Era uma Corte cara, perdulária e voraz. Em 1820, o ano anterior ao retorno a Portugal, consumia 513 galinhas, frangos, pombos e perús e 90 dúzias de ovos por dia. Eram quase 200.000 aves e 33.000 dúzias de ovos por ano, o que somado à despesa da Corte levava a um custo total de cerca de 900 contos de réis (quase 25 milhões de euros em dinheiro actual). A procura era tão grande que, por ordem do administrador da Ucharia Real, a repartição responsável pelos depósitos de comida da Corte, todas as galinhas à venda no Rio de Janeiro deveriam ser, prioritariamente, compradas por agentes do Rei. A decisão provocou a escassez dessas aves no mercado e revolta nos moradores da cidade. Numa carta a D.João VI, eles reclamaram a falta de galinhas e também o comportamento dos funcionários da despensa real, que passaram a vendê-las no mercado paralelo, onde cobravam um alto preço.
Nos treze anos que D. João viveu no Brasil, as despesas da mal administrada e corrupta Ucharia Real mais que triplicaram. O défice crescia sem parar. No último ano, 1821, o buraco no orçamento tinha aumentado mais de vinte vezes – de 10 contos de réis para 239 contos de réis. Apesar disso, a Corte continuou a pagar tudo a todos, sem se preocupara com a origem dos recursos. “Todos, sem excepção, recebiam ração, de acordo com o seu lugar e legitimidade” explica o historiador Jurandir Malerba, “Nobres, mas também cada artista contratado como os cantores e músicos italianos, ou pintores e arquitectos franceses e naturalistas autríacos, embaixadores e funcionários das repartições recebiam a sua quota de víveres à custa da Ucharia Real, prática extinta apenas no governo do austero D. Pedro I”.

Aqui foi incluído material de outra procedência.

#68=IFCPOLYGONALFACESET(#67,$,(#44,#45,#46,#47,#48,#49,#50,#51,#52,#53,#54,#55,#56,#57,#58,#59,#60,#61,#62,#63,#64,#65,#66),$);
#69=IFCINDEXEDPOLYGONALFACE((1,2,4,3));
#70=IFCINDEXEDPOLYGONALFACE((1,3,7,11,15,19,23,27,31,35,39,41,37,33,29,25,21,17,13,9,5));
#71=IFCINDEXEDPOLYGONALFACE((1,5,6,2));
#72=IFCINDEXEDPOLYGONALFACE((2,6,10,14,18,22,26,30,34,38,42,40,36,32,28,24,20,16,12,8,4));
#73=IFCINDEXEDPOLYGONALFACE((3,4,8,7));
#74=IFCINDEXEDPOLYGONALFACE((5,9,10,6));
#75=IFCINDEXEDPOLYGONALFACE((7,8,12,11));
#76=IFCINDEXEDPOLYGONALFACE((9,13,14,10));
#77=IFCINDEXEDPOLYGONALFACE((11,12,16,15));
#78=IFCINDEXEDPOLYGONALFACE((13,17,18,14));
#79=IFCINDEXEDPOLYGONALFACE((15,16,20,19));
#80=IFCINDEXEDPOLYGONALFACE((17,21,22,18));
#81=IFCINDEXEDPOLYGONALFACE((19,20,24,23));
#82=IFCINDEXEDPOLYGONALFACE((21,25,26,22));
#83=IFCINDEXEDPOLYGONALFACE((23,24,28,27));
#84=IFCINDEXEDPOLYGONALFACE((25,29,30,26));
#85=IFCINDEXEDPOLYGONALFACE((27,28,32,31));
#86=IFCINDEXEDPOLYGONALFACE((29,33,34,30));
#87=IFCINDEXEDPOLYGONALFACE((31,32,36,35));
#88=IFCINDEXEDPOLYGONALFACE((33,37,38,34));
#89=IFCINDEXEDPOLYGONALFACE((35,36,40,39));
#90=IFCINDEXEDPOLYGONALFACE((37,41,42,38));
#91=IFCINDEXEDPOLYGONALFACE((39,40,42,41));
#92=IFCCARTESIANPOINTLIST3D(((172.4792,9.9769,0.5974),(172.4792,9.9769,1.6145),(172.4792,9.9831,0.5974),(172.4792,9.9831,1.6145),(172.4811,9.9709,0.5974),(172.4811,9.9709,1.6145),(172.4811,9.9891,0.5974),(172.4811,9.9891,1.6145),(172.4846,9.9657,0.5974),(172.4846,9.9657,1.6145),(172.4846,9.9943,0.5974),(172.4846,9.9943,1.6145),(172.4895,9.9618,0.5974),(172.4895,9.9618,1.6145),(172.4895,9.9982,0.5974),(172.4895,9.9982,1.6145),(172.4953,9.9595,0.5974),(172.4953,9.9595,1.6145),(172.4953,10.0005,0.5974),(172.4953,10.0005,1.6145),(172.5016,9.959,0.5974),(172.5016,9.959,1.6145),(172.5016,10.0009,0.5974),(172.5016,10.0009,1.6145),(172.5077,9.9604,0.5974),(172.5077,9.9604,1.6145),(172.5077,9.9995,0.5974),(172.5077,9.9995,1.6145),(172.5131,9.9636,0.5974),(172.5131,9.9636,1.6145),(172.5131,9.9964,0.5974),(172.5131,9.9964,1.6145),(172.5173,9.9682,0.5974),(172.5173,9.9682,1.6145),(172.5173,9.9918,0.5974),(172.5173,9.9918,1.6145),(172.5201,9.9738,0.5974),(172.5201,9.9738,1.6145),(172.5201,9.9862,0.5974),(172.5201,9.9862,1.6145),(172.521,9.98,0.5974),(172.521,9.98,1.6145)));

Onde encontrar dinheiro para socorrer tanta gente? A primeira solução foi obter um empréstimo de Inglaterra, no valor de 600.000 libras esterlinas. Esse dinheiro, usado em 1809 para cobrir as despesas da viagem e os primeiros gastos da Corte no Rio de Janeiro, seria uma parte da dívida de 2 milhões de libras esterlinas que o Brasil herdaria de Portugal depois da independência.
Outra providência, igualmente insustentável a longo prazo, foi criar um banco estatal para emitir moeda. A breve e triste história do primeiro Banco do Brasil, criado pelo Principe Regente sete meses depois de chegar ao Rio de Janeiro, é um exemplo do compadrio que se estabeleceu entre a monarquia e uma casta de privilegiados negociantes, fazendeiros e traficantes de escravos a apartir de 1808.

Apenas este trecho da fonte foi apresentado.